7) Le règlement prévoit que les mentions «désalcoolisé» et «partiellement désalcoolisé» accompagnent les dénominations de certaines catégories de produits de la vigne (par exemple, vin, vin mousseux, vin pétillant, etc.), s’ils répondent à certaines caractéristiques.
Les viticulteurs demandent si d’autres dénominations de vente sont nécessaires (par exemple, vin sans alcool, «alcohol free wine» en anglais, «alkoholfreier Wein» en allemand), peuvent être utilisées en complément (ou en lieu et place) des mentions énoncées dans le règlement, ou si elles devront encore être réglementées dans le droit dérivé?
Conformément à l’article 118, deuxième alinéa, du règlement (UE) no 1308/2013, l’étiquetage des produits visés à l’annexe VII, partie II, points 1 à 11, point 13, point 15 et point 16, dudit règlement ne peut être complété par d’autres mentions que celles prévues par ce règlement, à moins que ces mentions ne satisfassent aux exigences du règlement (UE) no 1169/2011. L’utilisation de mentions telles que «sans alcool», «alcohol free» ou «alkoholfrei», en tant qu’indications complémentaires, pour un vin totalement désalcoolisé contenant 0 % d’alcool pourrait en principe être considérée comme conforme à l’article 7 du règlement (UE) no 1169/2011 et à d’éventuelles règles nationales pertinentes appliquées conformément à l’article 4, paragraphe 4 (6), du règlement (CE) no 1924/2006 concernant les allégations nutritionnelles et de santé portant sur les denrées alimentaires (7).
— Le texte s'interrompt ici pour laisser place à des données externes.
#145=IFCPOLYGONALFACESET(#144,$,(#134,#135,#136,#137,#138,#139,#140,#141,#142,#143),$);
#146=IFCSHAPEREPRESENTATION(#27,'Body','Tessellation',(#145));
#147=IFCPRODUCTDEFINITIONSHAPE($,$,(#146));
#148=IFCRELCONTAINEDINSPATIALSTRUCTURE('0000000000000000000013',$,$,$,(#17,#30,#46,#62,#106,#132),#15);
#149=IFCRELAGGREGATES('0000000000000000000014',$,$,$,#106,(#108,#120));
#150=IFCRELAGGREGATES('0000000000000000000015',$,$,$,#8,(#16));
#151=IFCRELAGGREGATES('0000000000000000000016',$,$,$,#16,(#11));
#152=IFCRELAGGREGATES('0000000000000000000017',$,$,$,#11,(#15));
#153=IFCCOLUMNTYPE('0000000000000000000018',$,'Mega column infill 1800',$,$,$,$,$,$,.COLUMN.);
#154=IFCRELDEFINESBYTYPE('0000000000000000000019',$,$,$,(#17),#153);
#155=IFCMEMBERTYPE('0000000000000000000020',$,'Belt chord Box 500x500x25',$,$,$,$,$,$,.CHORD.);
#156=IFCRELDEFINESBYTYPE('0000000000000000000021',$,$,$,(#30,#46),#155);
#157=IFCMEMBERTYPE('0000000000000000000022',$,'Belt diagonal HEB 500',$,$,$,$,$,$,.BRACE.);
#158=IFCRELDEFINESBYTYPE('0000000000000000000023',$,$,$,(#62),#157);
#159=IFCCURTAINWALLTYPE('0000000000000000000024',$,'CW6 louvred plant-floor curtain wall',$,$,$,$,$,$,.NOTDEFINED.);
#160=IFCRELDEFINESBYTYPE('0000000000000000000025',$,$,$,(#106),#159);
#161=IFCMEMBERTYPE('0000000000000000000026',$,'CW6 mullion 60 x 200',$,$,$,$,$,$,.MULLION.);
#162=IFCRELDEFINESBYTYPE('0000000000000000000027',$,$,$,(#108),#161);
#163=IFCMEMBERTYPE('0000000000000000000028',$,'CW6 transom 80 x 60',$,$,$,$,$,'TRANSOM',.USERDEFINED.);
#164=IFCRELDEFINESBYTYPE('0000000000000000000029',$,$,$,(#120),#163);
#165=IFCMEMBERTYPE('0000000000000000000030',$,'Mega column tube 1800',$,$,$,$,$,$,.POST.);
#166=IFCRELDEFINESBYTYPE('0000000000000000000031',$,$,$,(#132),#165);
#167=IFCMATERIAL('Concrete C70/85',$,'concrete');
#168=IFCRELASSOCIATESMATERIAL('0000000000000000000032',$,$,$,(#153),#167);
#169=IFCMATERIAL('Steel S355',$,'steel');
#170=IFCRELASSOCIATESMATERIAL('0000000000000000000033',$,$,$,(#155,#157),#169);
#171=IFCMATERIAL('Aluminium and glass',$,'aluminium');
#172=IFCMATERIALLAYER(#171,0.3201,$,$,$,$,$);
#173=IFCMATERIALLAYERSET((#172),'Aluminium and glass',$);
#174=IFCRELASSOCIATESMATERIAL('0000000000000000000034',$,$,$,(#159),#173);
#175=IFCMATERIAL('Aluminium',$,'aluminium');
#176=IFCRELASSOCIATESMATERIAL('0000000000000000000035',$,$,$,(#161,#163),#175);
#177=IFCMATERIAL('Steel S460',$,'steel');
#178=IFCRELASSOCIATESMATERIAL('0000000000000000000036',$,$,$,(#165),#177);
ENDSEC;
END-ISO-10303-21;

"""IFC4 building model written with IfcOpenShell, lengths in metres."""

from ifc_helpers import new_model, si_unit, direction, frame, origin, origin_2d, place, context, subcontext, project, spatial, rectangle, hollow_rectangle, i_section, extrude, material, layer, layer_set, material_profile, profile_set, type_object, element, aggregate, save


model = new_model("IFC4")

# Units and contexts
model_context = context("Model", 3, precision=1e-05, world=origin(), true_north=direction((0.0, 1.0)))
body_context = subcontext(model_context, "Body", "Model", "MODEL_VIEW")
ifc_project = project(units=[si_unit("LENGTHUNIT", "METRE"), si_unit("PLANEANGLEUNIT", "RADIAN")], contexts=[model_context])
Il convient de souligner que toute indication complémentaire fournie sur l’étiquetage par les opérateurs sur une base volontaire devrait toujours être conforme aux exigences du règlement (UE) no 1169/2011, en particulier aux exigences énoncées à ses articles 36 et 37. Entre autres, les mentions d’étiquetage complémentaires fournies sur une base volontaire ne doivent pas induire le consommateur en erreur, ne doivent pas être ambiguës ou prêter à confusion et doivent, le cas échéant, se fonder sur les données scientifiques pertinentes. En outre, leur affichage ne peut se faire au détriment de l’espace disponible pour les informations obligatoires sur les denrées alimentaires. Dans ces conditions, il serait donc jugé possible d’ajouter de telles mentions sur l’étiquette des vins totalement désalcoolisés (0 % d’alcool), mais pas de remplacer la mention «désalcoolisé» qui est obligatoire pour ces vins.
8) En ce qui concerne les pratiques œnologiques, la Commission a précisé que, pour l’heure, les seules pratiques autorisées sont celles actuellement prévues par la législation actuelle de l’Union [règlement (UE) no 1308/2013 et règlement délégué (UE) 2019/934].
Cela signifie-t-il que ces pratiques peuvent être mises en œuvre non seulement sur le «vin de base» utilisé pour la désalcoolisation, mais aussi après obtention du produit désalcoolisé ou partiellement désalcoolisé?
Par exemple: la partie D de l’appendice 10 du règlement délégué (UE) 2019/934 régit les limites et les conditions applicables à l’édulcoration des vins. Si le règlement prévoit que l’édulcoration des vins est autorisée sous certaines formes, peut-on conclure que cette pratique peut également être appliquée - dans les mêmes conditions que celles prévues à l’appendice 10, partie D - à un produit désalcoolisé ou partiellement désalcoolisé?
Les nouvelles règles relatives à la désalcoolisation n’interdisent pas l’utilisation des pratiques œnologiques autorisées existantes après la désalcoolisation. Certaines d’entre elles (par exemple l’édulcoration ou l’ajout de CO2) pourraient être utiles pour améliorer la qualité des vins partiellement ou totalement désalcoolisés.
En outre, rien dans la nouvelle réglementation n’exclut la possibilité de désalcooliser les produits vitivinicoles qui contiennent encore, avant la désalcoolisation, une certaine quantité de sucres non fermentés, dans la mesure où ces produits vitivinicoles de base satisfont aux exigences applicables à leur catégorie. En d’autres termes, il est possible de produire un vin doux ou moelleux (sans enrichissement) en arrêtant la fermentation. Si ce vin est ensuite désalcoolisé, les sucres naturels qui y subsistent peuvent alors contrebalancer l’acidité accrue résultant de la désalcoolisation.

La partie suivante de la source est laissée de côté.